Sono d'accordo London: 
_non perdere ciò che ti spinge (che ti dà la carica/motivazione) e non perdere ciò che ti rende inconscio/fresco/libero/spensierato_

Certo è pedante nel mio italiano!


----------



## surve

Ringrazio tutti.

Credo che siamo tutti d'accordo sul fatto che una cosa è spiegare il senso di una frase - nel nostro caso. di un motto - altro è "tradurre". In traduzione il motto va reso in italiano nella struttura di un motto. Quindi non va reso con una frase lunga concettuosa e discorsiva.

Per cui per me la "traduzione" migliore potebbe essere quella de "Il Sole24Ore": "Siate affamati (o insaziabili), siate folli".
Il fatto che sia una traduzione letterale, una volta tanto giova alla traduzione. Tenuto conto del fatto che, mi ripeto, si tratta di un motto.

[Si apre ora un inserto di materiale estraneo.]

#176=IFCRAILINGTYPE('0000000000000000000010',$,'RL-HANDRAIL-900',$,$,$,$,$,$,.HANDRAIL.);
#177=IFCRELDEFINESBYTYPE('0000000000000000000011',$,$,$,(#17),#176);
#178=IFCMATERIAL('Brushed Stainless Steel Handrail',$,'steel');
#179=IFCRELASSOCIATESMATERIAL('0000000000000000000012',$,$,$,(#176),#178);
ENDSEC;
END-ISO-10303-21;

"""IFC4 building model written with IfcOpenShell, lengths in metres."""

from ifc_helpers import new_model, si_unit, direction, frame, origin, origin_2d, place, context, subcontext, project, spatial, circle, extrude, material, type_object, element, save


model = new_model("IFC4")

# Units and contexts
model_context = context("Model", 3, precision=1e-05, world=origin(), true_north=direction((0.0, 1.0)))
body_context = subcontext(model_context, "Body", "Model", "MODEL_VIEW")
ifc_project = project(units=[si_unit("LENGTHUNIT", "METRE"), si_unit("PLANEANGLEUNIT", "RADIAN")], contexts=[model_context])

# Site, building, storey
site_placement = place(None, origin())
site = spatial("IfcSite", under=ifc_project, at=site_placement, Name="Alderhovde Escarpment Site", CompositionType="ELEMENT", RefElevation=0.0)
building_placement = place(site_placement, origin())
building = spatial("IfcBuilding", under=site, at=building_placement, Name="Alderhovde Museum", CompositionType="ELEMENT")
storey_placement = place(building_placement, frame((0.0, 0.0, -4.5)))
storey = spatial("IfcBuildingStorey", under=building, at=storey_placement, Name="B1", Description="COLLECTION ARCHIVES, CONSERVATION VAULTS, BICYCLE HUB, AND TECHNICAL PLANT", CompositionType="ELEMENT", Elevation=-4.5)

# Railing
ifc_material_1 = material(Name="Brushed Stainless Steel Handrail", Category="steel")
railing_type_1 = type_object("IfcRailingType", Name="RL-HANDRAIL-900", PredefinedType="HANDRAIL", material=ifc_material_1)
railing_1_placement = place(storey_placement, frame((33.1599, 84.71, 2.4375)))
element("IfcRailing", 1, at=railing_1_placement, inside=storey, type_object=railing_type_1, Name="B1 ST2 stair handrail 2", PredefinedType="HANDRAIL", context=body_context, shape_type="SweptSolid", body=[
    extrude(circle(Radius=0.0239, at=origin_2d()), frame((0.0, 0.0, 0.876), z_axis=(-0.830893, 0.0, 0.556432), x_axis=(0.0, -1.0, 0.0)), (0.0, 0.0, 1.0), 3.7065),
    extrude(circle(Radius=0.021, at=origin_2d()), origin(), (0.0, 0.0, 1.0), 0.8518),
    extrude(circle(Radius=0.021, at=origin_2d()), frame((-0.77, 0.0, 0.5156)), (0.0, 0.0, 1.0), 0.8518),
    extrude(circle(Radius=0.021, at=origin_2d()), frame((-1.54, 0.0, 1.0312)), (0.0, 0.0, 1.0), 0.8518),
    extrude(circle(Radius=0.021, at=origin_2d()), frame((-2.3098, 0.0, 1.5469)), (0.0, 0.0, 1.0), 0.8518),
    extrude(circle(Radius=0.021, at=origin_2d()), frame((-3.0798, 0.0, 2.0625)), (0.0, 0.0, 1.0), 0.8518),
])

Mi piace anche la traduzione di Elena73: "Rimanete assetati, rimanete un po' folli". 

Così mi sembra. E a voi?


----------



## TimLA

Per divertirmi:

.........Resta affamato,.essere un giocatore
............................., resta...................
......Resta inappagato,........................
............insoddisfatto,.......................
......moriendo di fame,......
............................., resta un amante dei rischi
............................., adora i rischi
????????


----------



## Odysseus54

How about :  " Mangia poco, tienti in pista "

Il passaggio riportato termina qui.